Do not be fooled by today's closed-door meeting at the United Nation's Security Council: It will be a long slog before any votes or vetoes are cast in the Palestinian statehood issue.
The UN Security Council will not set up a committee to review Palestinian President Mahmoud Abbas's application for statehood (formally presented last Friday) until then end of this week, at the earliest.
So while the UN Security Council is meeting privately to discuss the future of Palestine, we are talking weeks, perhaps months, before a vote is taken, the CBC reports.
In the meantime, Obama administration is working hard behind the scenes to get UN Security Council members to oppose statehood in effort to avoid its promised veto that would alienate its Arab and Muslim allies, Fox News reports.
The Palestinians need nine votes on the UN Security Council to win statehood, but they only have six for sure — China, Russia, Brazil, Lebanon, India and South Africa -- even without the veto. China formally jumped on board today.

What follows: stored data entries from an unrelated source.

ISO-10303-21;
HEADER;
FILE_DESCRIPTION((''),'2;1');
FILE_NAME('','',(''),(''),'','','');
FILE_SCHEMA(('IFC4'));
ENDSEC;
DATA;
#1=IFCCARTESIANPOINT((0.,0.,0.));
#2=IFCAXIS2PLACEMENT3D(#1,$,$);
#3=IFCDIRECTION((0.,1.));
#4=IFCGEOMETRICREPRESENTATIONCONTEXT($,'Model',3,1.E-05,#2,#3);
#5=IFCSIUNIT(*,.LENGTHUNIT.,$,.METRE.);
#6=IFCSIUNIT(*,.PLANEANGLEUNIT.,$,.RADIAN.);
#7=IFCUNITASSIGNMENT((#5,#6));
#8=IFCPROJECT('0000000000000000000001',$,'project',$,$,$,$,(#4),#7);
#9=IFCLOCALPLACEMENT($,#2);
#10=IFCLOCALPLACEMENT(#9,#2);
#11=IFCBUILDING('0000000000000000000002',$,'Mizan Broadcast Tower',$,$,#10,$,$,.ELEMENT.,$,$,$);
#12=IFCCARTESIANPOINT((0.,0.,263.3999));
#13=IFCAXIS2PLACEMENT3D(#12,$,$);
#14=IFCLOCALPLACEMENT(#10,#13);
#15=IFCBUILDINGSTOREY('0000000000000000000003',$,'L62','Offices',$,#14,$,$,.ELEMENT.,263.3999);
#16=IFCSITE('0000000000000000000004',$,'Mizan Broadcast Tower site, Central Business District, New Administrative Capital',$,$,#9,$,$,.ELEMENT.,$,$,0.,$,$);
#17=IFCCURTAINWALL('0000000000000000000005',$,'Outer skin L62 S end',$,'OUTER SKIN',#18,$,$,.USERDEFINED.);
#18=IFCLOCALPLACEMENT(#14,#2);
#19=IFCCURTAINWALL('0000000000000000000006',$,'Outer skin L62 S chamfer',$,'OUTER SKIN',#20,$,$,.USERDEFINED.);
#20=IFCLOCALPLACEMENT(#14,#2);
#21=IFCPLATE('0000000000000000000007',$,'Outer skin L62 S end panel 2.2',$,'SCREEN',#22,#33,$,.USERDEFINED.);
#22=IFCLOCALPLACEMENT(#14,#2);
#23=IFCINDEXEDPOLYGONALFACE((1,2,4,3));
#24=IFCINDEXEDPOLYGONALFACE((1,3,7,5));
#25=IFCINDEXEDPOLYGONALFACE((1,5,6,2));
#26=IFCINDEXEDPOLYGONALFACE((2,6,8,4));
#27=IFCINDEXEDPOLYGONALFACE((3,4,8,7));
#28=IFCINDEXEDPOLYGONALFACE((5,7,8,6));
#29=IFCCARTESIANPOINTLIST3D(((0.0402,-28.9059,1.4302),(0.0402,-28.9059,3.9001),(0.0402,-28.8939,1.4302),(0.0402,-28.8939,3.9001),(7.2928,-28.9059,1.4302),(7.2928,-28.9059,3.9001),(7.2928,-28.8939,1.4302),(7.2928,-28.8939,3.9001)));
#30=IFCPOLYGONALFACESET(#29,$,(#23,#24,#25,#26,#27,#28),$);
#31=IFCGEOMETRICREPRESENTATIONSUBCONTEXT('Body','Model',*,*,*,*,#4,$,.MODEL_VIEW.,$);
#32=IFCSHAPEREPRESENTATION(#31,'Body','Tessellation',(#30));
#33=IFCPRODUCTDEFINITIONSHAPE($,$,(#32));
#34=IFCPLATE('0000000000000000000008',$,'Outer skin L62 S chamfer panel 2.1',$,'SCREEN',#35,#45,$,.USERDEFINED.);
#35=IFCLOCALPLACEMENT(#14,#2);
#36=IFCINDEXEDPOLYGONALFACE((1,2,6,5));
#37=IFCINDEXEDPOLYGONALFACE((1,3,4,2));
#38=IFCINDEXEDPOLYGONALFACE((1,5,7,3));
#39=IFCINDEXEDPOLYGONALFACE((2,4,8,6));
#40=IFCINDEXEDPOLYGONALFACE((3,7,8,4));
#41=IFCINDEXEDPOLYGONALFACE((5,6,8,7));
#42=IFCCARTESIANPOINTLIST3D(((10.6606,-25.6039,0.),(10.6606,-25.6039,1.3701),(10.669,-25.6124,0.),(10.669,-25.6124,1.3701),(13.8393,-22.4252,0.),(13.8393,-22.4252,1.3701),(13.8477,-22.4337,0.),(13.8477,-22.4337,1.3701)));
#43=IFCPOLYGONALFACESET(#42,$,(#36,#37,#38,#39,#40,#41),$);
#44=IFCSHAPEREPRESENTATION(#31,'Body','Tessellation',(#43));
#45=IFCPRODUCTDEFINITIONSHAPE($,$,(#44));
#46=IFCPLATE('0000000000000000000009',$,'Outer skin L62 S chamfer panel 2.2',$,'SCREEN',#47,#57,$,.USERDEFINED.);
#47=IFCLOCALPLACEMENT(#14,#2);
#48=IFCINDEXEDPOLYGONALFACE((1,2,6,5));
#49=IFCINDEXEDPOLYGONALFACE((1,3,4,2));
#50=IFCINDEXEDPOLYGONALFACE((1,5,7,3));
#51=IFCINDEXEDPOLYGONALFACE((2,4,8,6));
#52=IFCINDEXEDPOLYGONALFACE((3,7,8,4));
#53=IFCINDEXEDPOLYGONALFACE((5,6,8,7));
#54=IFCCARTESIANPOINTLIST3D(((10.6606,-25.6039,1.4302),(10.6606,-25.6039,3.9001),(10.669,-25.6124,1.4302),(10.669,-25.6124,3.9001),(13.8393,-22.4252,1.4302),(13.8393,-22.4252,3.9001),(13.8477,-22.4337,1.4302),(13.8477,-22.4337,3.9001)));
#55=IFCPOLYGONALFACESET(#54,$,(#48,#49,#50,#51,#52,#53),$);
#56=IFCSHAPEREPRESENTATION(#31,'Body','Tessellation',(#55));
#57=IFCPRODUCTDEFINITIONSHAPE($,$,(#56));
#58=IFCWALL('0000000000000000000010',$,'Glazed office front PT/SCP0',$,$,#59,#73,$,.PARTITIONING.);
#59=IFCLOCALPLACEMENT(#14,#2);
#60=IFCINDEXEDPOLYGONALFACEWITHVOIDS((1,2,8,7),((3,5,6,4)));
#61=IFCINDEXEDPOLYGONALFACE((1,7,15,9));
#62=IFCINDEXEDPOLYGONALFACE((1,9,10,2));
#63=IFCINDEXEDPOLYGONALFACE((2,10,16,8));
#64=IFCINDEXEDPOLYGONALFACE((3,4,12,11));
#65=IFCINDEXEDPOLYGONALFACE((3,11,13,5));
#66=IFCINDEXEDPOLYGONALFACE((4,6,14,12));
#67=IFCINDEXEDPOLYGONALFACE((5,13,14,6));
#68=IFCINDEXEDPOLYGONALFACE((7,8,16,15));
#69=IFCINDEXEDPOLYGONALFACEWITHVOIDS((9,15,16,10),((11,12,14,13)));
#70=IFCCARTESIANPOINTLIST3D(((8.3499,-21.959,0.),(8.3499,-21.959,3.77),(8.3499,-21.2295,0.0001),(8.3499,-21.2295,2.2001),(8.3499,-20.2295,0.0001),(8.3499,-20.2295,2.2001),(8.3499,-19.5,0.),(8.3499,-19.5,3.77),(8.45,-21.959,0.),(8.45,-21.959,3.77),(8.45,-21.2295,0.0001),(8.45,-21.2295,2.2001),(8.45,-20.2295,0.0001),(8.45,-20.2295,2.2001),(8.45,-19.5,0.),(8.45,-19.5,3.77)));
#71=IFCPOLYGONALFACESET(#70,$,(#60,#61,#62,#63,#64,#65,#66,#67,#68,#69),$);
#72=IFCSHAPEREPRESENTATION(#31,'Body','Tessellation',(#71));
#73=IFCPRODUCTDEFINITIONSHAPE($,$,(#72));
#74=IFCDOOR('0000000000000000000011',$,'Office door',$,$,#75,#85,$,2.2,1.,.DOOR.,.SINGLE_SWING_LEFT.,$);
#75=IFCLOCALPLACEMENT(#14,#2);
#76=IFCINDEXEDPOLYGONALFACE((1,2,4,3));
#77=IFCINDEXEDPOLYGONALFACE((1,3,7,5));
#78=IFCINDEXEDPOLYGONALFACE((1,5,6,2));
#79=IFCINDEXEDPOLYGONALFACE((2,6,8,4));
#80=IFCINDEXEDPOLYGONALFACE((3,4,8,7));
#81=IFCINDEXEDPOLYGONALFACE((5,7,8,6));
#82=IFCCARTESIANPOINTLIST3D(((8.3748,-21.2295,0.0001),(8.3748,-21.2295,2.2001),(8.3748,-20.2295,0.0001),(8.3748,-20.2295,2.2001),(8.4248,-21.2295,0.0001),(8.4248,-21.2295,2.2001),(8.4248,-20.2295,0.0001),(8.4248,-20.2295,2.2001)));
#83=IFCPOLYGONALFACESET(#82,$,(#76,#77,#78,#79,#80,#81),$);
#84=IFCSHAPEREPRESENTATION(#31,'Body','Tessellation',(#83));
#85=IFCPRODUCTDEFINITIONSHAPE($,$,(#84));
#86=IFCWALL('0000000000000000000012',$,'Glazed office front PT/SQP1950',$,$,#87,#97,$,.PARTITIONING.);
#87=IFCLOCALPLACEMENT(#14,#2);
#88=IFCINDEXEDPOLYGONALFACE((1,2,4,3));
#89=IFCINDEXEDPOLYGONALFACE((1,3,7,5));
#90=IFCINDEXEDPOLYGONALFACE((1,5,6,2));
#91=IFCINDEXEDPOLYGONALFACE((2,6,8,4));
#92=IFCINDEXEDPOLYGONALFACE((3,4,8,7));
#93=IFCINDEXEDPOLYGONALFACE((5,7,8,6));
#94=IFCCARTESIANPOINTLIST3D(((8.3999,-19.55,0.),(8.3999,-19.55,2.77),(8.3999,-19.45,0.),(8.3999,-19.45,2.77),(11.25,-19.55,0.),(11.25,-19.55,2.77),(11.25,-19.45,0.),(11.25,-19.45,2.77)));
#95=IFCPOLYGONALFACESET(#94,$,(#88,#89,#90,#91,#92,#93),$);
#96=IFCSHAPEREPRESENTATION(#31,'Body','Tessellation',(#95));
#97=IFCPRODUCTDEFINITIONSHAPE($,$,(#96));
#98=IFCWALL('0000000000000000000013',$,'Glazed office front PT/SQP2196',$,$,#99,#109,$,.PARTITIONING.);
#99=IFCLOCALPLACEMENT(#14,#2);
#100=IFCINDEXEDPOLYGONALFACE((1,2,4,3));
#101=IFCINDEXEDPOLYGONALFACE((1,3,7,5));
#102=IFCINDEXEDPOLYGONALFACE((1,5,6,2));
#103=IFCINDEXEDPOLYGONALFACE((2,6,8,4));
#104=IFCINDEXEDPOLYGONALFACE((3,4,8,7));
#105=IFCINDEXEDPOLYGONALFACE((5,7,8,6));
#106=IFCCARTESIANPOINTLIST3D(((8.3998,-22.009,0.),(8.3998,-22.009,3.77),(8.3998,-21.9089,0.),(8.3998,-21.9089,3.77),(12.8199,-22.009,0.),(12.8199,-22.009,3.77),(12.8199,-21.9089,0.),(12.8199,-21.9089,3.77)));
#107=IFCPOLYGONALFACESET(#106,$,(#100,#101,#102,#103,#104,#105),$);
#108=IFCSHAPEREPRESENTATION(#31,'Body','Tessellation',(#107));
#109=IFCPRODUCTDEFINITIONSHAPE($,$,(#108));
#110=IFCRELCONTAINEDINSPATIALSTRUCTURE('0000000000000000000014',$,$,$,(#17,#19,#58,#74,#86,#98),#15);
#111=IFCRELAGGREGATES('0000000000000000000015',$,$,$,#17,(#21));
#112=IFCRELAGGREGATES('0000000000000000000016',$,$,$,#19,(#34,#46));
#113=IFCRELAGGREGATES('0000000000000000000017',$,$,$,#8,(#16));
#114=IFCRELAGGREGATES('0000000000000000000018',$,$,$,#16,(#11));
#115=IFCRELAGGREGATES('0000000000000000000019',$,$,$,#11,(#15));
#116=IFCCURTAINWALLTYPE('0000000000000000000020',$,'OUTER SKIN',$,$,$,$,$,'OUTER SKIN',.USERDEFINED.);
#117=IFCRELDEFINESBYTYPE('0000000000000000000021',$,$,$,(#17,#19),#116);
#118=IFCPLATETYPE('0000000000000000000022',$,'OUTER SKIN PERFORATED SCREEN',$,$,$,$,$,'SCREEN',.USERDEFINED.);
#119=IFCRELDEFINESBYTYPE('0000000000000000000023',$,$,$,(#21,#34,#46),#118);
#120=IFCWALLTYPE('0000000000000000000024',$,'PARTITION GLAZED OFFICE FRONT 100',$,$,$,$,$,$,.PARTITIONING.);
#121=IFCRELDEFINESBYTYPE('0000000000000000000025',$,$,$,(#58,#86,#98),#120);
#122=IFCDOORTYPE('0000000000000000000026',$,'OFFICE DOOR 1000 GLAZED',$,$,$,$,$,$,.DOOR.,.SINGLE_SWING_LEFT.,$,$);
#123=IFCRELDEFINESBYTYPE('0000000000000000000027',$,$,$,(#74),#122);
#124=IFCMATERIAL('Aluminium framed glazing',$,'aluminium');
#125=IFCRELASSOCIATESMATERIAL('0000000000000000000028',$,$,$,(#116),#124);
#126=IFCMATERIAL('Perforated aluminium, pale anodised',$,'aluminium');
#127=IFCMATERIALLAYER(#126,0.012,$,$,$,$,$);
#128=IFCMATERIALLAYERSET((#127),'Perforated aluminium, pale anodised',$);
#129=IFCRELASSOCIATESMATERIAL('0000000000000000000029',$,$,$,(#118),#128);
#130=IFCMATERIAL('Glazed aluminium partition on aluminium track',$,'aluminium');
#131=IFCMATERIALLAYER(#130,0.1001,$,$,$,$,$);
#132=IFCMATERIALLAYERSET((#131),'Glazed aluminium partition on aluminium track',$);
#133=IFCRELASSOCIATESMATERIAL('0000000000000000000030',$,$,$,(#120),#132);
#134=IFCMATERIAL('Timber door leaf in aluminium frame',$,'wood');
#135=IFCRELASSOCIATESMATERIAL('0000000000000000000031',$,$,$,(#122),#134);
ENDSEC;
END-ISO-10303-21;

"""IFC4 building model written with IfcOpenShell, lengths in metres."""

from ifc_helpers import new_model, si_unit, direction, frame, frame_2d, origin, origin_2d, place, context, subcontext, project, spatial, rectangle, extrude, material, layer, layer_set, type_object, element, fill, aggregate, save


model = new_model("IFC4")

# Units and contexts
model_context = context("Model", 3, precision=1e-05, world=origin(), true_north=direction((0.0, 1.0)))
body_context = subcontext(model_context, "Body", "Model", "MODEL_VIEW")
ifc_project = project(units=[si_unit("LENGTHUNIT", "METRE"), si_unit("PLANEANGLEUNIT", "RADIAN")], contexts=[model_context])

# Site, building, storey
site_placement = place(None, origin())
site = spatial("IfcSite", under=ifc_project, at=site_placement, Name="Mizan Broadcast Tower site, Central Business District, New Administrative Capital", CompositionType="ELEMENT", RefElevation=0.0)
building_placement = place(site_placement, origin())
building = spatial("IfcBuilding", under=site, at=building_placement, Name="Mizan Broadcast Tower", CompositionType="ELEMENT")
storey_placement = place(building_placement, frame((0.0, 0.0, 263.3999)))
storey = spatial("IfcBuildingStorey", under=building, at=storey_placement, Name="L62", Description="Offices", CompositionType="ELEMENT", Elevation=263.3999)

# Curtain wall
ifc_material_1 = material(Name="Aluminium framed glazing", Category="aluminium")
curtain_wall_type_1 = type_object("IfcCurtainWallType", Name="OUTER SKIN", ElementType="OUTER SKIN", PredefinedType="USERDEFINED", material=ifc_material_1)
curtain_wall_1_placement = place(storey_placement, origin())
curtain_wall_1 = element("IfcCurtainWall", 1, at=curtain_wall_1_placement, inside=storey, type_object=curtain_wall_type_1, Name="Outer skin L62 S end", ObjectType="OUTER SKIN", PredefinedType="USERDEFINED")

# Curtain wall
curtain_wall_2_placement = place(storey_placement, origin())
curtain_wall_2 = element("IfcCurtainWall", 2, at=curtain_wall_2_placement, inside=storey, type_object=curtain_wall_type_1, Name="Outer skin L62 S chamfer", ObjectType="OUTER SKIN", PredefinedType="USERDEFINED")

# Plates
ifc_material_2 = material(Name="Perforated aluminium, pale anodised", Category="aluminium")
ifc_layer_1 = layer(ifc_material_2, 0.012)
ifc_layer_set_1 = layer_set([ifc_layer_1], Name="Perforated aluminium, pale anodised")
plate_type_1 = type_object("IfcPlateType", Name="OUTER SKIN PERFORATED SCREEN", ElementType="SCREEN", PredefinedType="USERDEFINED", material=ifc_layer_set_1)
plate_1_placement = place(storey_placement, frame((3.6665, -28.8999, 1.4302), z_axis=(0.0, 0.0, 1.0), x_axis=(1.0, 0.0, 0.0)))
plate_1 = element("IfcPlate", 3, at=plate_1_placement, type_object=plate_type_1, Name="Outer skin L62 S end panel 2.2", ObjectType="SCREEN", PredefinedType="USERDEFINED", context=body_context, shape_type="SweptSolid", body=[
    extrude(rectangle(XDim=7.2527, YDim=0.012, at=origin_2d()), origin(), (0.0, 0.0, 1.0), 2.47),
])
aggregate(curtain_wall_1, [plate_1])
plate_2_placement = place(storey_placement, frame((12.2542, -24.0188, 0.0), z_axis=(0.0, 0.0, 1.0), x_axis=(0.707107, 0.707107, 0.0)))
plate_2 = element("IfcPlate", 4, at=plate_2_placement, type_object=plate_type_1, Name="Outer skin L62 S chamfer panel 2.1", ObjectType="SCREEN", PredefinedType="USERDEFINED", context=body_context, shape_type="SweptSolid", body=[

Palestine obviously will not be granted statehood, given the promised U.S. veto, but some Israelis do not think that their leader has helped sell the case that peace talks are the path to freedom for the Palestinians.
One Haaretz writer even called Prime Minister Bibi Netanyahu's address to the UN General Assembly a speech of lies.
And in other distantly related news, AlJazeera is trying to shake its reputation as an anti-Western news agency, so it will not help its case that one of its ex-reporters admitted he was an alleged Hamas operative while on the job, the Jerusalem Post reports.